How many total chromosomes are found in the karyotype of abnormal human females having Trisomy - X?
Correct Answer
C. 47
Explanation
Trisomy X is a chromosomal disorder that affects females, where they have an extra X chromosome. Typically, females have two X chromosomes (46 total chromosomes), but in the case of Trisomy X, there is an additional X chromosome, resulting in a total of 47 chromosomes. This extra chromosome can lead to physical and developmental abnormalities, although many individuals with Trisomy X lead normal lives without any significant health issues.
29.
What group is described as having very short chromosomes; centromeres at or near end.
Correct Answer
G. G
Explanation
Group G, also known as sex chromosomes, is described as having very short chromosomes with centromeres at or near the end.

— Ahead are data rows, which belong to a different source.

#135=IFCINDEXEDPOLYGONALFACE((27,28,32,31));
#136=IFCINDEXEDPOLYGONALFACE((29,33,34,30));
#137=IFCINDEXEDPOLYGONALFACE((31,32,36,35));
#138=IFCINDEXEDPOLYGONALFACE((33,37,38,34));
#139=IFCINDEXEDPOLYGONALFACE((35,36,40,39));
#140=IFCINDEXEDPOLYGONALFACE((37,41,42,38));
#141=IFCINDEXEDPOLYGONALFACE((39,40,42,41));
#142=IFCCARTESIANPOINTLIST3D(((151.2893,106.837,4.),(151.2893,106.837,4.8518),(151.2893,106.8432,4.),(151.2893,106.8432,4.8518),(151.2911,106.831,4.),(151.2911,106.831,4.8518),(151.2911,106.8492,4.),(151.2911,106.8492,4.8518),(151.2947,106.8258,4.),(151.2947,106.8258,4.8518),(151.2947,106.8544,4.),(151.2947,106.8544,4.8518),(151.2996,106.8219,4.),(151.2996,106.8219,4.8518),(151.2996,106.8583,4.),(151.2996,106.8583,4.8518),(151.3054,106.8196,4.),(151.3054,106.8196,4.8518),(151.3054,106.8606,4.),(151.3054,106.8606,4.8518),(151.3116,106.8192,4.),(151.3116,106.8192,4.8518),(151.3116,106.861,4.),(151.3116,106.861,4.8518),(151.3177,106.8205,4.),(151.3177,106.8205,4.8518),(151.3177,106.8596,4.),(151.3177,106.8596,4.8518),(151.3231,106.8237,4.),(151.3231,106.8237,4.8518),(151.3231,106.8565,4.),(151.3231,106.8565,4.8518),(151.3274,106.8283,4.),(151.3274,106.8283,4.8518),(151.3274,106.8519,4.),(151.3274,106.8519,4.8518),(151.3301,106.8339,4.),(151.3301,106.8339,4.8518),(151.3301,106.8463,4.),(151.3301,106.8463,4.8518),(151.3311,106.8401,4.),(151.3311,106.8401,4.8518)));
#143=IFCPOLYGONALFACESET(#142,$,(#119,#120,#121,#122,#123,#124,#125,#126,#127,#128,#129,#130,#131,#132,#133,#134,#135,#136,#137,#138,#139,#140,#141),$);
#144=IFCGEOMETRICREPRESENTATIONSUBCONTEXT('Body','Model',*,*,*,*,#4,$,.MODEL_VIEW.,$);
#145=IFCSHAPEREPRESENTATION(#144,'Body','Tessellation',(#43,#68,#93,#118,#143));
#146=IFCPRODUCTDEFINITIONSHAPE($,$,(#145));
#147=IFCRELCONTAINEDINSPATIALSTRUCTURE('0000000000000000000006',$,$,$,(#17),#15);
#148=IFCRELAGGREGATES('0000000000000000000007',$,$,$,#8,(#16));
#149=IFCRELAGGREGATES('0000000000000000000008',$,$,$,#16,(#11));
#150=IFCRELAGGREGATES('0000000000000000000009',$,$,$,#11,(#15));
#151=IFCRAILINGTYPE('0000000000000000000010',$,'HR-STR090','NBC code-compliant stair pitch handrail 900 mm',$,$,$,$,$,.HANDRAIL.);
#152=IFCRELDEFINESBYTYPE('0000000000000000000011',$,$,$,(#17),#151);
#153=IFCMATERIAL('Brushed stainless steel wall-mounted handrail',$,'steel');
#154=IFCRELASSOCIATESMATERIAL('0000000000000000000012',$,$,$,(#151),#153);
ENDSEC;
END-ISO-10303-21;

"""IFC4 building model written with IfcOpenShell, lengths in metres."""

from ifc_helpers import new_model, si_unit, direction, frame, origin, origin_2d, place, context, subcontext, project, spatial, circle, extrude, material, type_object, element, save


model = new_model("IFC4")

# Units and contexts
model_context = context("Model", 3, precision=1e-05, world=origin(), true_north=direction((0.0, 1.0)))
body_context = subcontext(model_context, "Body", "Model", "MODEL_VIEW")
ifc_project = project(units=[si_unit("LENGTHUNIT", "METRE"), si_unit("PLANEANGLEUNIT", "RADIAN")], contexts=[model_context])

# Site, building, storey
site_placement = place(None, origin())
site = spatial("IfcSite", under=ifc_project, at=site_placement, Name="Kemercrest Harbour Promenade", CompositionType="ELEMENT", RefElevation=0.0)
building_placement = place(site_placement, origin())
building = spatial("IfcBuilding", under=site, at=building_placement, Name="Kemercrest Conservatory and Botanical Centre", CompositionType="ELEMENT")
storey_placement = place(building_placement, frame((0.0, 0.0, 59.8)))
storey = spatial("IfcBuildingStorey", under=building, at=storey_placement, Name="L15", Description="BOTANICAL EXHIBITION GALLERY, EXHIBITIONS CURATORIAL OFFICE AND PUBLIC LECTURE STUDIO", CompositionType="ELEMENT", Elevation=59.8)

This group includes the X and Y chromosomes, which determine the sex of an individual. The X and Y chromosomes are unique because they have a different number of genes and are involved in determining the development of male or female characteristics.
30.
Individuals with Trisomy - 10 do not survive fetal development.
Correct Answer
A. True
Explanation
Individuals with Trisomy - 10 have an extra copy of chromosome 10, which can cause various developmental abnormalities. Trisomy 10 is a rare condition, and most cases result in spontaneous miscarriage or stillbirth. Therefore, individuals with Trisomy - 10 do not survive fetal development.